The stdout goes to a SLURM outfile, something like slurm-56384497.out. Or you can add a shell redirect > foo.out to your --wrap command if you like.

running a few commands, looping over some input files

A couple of examples of ways to submit several commands at once:

    ls *.gz | xargs -I {}  sbatch --wrap="gunzip -c {}"   # uncompress all .gz files in this directory

    for FILE in *.fa; do
      echo ${FILE}
      sbatch -p eddy -t 10 --wrap="gzip ${FILE}"          # compress all .fa files in this directory
      sleep 1                                             # pausing between submissions to be kind to the scheduler
    done

writing an sbatch script

If your job is more complicated than a single command - for example, if it depends on loading software with a module load command first - you can write an sbatch script. The SLURM options go into the script, instead of on the sbatch command line, using a special format. An example that (stupidly) loads gcc and just calls hostname, so the output will be the name of the compute node the script ran on:

#!/bin/bash
#SBATCH -c 1        # Number of cores/threads
#SBATCH -N 1        # Ensure that all cores are on one machine
#SBATCH -t 6-00:00  # Runtime in D-HH:MM
#SBATCH -p eddy     # Partition to submit to
#SBATCH --mem=4000  # Memory pool for all cores (see also --mem-per-cpu)
#SBATCH -o myjob_%j.out     # File to which STDOUT will be written; %j is the job number assigned by SLURM
#SBATCH -e myjob_%j.err     # File to which STDERR will be written

module load gcc
hostname

Save this to a file (foo.sh for example) and submit it with sbatch:

    sbatch foo.sh

running lots of commands

If you have to submit lots of jobs (hundreds or thousands) to the cluster at once, the preferred way to do it is with job arrays, to avoid overloading the scheduler. See the RC documentation.

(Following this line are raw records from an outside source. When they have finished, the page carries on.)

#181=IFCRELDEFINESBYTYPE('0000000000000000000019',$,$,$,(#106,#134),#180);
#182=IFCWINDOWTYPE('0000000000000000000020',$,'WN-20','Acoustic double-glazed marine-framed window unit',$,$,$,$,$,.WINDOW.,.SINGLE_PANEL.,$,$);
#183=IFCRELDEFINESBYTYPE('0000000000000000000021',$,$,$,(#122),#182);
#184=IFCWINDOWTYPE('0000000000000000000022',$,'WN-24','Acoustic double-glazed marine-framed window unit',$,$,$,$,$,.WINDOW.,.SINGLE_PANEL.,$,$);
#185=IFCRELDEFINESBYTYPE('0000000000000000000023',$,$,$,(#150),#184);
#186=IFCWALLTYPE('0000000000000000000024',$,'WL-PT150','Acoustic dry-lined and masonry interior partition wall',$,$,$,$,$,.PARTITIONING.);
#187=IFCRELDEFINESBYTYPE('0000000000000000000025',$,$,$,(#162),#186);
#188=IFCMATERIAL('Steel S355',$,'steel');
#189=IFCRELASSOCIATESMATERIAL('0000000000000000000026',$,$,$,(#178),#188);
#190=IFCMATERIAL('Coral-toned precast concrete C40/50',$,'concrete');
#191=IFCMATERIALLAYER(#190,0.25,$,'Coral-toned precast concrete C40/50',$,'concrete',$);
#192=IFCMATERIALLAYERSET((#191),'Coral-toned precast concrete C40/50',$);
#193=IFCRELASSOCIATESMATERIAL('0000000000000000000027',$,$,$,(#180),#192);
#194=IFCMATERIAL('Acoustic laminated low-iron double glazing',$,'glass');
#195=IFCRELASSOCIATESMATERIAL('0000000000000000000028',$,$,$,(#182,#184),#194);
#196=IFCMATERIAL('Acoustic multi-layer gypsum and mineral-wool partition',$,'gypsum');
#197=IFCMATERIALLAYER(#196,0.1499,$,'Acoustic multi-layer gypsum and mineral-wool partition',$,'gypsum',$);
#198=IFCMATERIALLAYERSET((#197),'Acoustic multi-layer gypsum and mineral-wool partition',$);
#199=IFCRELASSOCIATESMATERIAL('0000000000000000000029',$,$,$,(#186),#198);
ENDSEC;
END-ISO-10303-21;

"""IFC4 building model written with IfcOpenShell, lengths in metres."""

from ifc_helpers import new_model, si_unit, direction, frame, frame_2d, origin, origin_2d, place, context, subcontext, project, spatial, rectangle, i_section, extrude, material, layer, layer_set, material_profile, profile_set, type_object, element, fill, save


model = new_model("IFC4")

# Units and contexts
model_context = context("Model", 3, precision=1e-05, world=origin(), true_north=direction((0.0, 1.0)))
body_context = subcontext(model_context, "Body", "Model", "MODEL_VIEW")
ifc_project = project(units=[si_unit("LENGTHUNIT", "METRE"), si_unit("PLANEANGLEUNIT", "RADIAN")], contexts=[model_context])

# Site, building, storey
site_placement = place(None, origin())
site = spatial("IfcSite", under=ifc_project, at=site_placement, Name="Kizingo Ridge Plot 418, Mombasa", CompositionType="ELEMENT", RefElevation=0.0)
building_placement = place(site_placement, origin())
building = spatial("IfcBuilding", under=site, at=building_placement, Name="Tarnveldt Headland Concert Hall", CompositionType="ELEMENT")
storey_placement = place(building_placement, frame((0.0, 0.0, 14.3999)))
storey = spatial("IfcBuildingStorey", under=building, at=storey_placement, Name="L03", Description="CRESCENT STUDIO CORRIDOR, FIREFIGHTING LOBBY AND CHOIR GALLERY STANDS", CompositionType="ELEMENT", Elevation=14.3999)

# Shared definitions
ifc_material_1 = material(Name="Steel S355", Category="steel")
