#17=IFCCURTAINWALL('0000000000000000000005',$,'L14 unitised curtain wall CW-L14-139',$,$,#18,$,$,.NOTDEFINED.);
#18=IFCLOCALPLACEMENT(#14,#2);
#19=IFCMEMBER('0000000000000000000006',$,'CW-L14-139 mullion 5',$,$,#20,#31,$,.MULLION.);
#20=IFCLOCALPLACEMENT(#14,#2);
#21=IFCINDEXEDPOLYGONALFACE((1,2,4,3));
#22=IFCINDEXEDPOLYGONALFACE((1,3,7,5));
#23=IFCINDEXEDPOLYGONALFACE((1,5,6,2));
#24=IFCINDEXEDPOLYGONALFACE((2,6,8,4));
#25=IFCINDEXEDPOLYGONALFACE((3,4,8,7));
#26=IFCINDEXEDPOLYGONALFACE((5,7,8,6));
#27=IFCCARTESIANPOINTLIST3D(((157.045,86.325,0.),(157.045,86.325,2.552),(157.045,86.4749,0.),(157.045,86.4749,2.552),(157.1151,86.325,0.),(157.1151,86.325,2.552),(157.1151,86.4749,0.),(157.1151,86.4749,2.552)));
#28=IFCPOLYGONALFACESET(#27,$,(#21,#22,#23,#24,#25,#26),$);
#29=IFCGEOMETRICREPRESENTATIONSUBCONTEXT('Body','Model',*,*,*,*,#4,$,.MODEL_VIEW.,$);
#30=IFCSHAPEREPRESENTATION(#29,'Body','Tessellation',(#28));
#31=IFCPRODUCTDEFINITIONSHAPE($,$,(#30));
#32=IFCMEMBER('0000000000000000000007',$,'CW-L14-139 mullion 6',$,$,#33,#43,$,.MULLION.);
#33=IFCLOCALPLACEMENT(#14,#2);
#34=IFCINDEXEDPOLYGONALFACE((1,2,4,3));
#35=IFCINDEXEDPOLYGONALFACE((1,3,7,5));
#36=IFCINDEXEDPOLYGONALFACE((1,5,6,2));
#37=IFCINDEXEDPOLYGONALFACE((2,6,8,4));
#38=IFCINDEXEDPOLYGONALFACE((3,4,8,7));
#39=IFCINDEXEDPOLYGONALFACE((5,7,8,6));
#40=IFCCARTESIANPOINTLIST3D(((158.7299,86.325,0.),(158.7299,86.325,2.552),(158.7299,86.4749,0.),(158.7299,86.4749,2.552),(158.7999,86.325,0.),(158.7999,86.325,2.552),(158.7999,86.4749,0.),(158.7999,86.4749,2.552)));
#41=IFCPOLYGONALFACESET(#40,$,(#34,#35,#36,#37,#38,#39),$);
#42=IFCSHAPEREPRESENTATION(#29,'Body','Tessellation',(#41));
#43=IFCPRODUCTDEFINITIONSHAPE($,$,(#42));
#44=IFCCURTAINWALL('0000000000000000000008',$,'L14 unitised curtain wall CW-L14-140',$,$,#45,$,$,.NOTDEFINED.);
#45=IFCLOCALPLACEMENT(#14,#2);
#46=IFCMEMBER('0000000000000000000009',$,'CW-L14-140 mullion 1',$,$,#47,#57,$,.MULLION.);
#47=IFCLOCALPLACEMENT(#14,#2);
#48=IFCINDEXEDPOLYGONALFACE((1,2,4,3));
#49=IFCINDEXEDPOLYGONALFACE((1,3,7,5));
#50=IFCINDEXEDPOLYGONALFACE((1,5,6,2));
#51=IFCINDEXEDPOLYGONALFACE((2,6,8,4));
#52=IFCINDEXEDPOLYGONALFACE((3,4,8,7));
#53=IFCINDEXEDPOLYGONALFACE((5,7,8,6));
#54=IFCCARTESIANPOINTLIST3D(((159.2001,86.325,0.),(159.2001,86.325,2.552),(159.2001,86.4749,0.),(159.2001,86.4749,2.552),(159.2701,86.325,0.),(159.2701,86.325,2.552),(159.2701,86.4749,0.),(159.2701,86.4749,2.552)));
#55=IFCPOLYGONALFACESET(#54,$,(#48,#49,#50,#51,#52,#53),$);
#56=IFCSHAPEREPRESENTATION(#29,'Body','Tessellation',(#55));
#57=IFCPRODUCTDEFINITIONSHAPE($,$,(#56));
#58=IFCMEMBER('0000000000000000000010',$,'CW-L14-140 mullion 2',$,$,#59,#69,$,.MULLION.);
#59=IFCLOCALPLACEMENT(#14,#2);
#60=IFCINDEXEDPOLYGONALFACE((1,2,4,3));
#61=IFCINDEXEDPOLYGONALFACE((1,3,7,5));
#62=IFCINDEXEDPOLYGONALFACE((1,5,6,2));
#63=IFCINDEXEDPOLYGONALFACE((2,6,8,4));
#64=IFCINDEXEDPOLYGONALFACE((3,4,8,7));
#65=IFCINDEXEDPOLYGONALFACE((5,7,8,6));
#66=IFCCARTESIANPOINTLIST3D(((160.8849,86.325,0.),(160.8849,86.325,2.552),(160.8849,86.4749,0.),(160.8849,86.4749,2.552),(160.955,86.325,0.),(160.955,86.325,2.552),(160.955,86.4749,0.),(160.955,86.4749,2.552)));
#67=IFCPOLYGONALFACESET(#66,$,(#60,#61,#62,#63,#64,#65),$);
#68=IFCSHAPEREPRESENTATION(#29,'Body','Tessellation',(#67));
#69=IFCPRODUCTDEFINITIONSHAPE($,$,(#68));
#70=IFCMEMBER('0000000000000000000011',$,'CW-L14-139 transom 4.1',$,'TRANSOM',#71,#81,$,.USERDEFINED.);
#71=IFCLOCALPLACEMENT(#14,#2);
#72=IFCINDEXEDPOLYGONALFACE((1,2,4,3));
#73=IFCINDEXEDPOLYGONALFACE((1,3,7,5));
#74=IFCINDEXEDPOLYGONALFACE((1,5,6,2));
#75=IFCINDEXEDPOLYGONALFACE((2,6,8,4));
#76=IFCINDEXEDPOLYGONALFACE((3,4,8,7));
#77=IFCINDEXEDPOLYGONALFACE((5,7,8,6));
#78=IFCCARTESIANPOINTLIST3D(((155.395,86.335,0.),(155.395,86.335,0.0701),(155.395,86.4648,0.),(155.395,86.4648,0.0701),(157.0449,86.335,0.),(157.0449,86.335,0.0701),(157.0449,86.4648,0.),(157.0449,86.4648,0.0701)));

monitoring your running jobs

The sinfo command shows information about what's currently running where.

    sinfo -p eddy    # show the state of the `eddy` partition
    sinfo -a         # show the state of all RC partitions

The sacct command shows SLURM log info about jobs you ran in the past.

    sacct                                                      # default log
    sacct --format=jobid,jobname,state,cputime,elapsed,maxrss  # custom-formatted to get cputime (`cputime`), max mem (`maxrss`) used
    sacct --name=B1n-2.sh                                      # --name=<jobname> to see a particular job
    sacct -S 2020-03-29                                        # see jobs you started on 3/29/2020

etiquette

To avoid getting in each others' way on our -p eddy partition, at any one time, please limit your resource use to:

<50% of our cores
<50% of the RAM per node OR <4GB/core
<30min per job

These guidelines are just guidelines. The principle is what's important. Nobody should have to wait >30min to get their job to start running on -p eddy. If you cause such pain, there may be public shaming and/or donut penalty. Launching one job that takes a day to complete, or a thousand 10-second jobs is not going to get in anyone's way either. Conversely, it's possible that two or more people in the lab could try to occupy 50% of our resources at a time and jam us up, so use sinfo -p eddy to see how busy things are and be reasonable.

You can also add --nice 1000 to your sbatch command, to downgrade your running priority in the queue, which helps let other people's jobs get run before yours.